La Chica Arquitecta subió al tren en Alonso Martínez cuando Tito cambiaba de canción, a una versión, fascinante, de Alegría de vivir de Ray Heredia. Sí, de Ray Heredia, aunque la popularizó La Barbería del Sur, el grupo de El Negri, cuñado de Ray. Al acabar, pasó flamenco el sombrero –el duende acompaña siempre– y los pasajeros pagamos con una sonrisa en la boca porque el concierto lo merecía.

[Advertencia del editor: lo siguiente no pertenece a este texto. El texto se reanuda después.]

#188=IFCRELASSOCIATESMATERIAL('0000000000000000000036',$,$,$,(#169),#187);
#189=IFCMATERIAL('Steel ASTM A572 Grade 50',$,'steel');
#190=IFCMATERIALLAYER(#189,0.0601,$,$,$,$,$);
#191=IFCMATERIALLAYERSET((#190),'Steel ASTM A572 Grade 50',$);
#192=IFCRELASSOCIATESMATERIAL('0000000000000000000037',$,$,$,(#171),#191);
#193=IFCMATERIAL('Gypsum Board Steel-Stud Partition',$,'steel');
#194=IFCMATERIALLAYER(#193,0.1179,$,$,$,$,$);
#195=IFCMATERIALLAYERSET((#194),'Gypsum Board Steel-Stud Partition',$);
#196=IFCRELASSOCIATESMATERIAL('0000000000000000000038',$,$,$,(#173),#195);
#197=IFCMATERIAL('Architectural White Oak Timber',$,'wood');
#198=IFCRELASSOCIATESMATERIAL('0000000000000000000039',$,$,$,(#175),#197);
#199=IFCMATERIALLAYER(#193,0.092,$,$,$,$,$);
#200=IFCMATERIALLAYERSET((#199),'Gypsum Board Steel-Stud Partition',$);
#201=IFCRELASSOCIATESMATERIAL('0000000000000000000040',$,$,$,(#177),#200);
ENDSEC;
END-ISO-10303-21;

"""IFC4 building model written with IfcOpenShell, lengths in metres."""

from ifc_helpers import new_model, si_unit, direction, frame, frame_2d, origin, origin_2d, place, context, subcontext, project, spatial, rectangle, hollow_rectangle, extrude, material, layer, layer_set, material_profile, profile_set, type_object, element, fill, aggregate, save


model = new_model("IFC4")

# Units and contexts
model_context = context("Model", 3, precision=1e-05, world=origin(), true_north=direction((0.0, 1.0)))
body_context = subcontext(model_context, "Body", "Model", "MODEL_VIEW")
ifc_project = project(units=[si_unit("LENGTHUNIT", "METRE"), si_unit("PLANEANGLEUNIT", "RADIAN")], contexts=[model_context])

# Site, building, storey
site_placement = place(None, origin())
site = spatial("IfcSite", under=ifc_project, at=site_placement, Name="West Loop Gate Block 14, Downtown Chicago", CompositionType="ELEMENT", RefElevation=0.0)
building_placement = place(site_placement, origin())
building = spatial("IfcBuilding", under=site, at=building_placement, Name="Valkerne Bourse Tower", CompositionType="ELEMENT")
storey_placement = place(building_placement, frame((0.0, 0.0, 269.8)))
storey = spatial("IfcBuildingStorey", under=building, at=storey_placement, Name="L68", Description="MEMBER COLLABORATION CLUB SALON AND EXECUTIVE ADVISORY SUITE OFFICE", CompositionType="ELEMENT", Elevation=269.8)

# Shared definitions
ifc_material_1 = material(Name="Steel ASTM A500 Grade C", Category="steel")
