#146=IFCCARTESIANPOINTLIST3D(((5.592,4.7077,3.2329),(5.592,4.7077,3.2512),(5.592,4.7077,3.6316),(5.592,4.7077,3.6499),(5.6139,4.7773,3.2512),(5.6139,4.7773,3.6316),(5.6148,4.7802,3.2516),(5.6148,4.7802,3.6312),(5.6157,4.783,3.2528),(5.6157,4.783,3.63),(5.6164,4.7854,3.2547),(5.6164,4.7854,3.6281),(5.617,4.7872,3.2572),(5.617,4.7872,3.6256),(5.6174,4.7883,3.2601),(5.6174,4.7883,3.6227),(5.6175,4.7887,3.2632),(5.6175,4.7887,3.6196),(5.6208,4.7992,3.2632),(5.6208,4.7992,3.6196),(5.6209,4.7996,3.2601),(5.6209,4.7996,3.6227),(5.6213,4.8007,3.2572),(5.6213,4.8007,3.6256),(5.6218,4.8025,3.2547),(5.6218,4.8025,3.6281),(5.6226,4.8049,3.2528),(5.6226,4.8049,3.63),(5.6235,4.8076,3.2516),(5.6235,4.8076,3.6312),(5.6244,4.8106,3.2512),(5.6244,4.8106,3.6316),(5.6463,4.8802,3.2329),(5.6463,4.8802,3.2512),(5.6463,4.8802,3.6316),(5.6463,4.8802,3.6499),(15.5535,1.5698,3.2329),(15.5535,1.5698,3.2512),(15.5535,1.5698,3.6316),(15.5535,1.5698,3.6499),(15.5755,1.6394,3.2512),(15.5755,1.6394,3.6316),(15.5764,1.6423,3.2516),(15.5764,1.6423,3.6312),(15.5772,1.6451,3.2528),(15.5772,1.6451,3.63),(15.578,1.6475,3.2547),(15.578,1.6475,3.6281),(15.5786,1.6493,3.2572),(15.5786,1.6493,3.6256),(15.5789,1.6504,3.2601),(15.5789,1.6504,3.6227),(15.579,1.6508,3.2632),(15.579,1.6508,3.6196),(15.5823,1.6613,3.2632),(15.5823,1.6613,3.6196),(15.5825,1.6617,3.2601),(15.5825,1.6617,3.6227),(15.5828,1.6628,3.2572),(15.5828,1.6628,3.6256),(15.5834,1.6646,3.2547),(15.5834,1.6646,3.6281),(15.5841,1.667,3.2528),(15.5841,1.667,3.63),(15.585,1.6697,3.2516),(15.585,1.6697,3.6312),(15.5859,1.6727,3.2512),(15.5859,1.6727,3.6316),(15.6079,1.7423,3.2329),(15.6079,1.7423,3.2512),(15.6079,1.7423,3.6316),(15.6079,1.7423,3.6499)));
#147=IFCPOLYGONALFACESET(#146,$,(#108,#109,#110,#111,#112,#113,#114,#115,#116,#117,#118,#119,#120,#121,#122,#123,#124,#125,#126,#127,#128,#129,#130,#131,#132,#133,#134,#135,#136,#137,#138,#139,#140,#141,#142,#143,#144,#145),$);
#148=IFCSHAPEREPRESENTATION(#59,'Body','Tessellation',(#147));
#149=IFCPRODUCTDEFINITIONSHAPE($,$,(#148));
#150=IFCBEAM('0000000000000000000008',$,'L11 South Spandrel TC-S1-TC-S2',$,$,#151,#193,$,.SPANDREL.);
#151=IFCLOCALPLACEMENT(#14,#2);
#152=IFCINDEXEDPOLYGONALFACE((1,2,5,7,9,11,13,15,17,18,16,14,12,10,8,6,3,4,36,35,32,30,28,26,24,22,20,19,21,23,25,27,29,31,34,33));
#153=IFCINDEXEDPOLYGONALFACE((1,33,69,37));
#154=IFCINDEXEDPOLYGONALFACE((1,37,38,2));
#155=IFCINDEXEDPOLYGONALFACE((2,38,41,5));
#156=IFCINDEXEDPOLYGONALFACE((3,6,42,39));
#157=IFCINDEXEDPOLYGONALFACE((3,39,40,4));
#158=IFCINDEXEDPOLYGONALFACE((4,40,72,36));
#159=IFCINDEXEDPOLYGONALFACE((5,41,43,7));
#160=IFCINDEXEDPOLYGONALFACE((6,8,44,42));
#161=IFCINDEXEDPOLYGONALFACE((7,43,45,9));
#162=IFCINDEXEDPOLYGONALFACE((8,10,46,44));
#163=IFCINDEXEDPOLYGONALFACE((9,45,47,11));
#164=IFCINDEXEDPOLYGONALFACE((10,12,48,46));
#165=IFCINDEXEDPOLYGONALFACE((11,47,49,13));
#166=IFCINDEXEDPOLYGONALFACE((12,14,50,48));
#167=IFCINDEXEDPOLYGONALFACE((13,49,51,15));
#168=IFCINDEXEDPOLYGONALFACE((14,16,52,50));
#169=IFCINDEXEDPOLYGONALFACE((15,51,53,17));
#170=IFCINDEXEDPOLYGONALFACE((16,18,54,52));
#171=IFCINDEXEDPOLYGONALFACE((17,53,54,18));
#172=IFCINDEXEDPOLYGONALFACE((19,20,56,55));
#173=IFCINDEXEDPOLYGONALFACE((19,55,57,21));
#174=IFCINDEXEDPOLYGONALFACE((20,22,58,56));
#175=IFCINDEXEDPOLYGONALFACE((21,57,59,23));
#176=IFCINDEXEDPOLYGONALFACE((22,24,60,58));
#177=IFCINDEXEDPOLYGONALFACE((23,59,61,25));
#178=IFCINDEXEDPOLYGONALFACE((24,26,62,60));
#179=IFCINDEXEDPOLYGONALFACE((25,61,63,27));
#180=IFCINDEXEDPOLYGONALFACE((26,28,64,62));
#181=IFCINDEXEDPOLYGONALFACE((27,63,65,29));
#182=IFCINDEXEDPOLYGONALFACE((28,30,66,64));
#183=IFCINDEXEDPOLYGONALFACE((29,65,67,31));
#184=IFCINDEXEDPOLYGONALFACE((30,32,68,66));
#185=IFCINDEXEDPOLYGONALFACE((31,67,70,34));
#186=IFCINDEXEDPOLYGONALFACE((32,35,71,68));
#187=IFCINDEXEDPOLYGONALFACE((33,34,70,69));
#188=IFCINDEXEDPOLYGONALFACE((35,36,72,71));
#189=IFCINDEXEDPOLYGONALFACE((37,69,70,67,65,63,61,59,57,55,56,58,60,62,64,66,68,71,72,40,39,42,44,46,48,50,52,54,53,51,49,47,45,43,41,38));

El cantaor se bajó, como nosotros, en Príncipe Pío y aproveché para darle la enhorabuena y mentarle a Ray Heredia, ese genio que trajo el nuevo flamenco y que el caballo nos robó. Me despedí diciéndole que si Camarón hubiese sido anglosajón ahora sería un mito por encima de Lennon o Marley. Sonriendo y llevándose la mano al pecho, contestó: “qué grande mi José”.

Antes de irme, os dejo otra recomendación lectora flamenca. Si os gusta Camarón, leed “Pistola y cuchillo” de Montero Glez, una particular biografía de José Monge Cruz, donde se repasa la última noche que el novelista le vio con vida en la Venta de Vargas entre alcohol, tabaco, peleas de gallos y jurdos sobre la mesa.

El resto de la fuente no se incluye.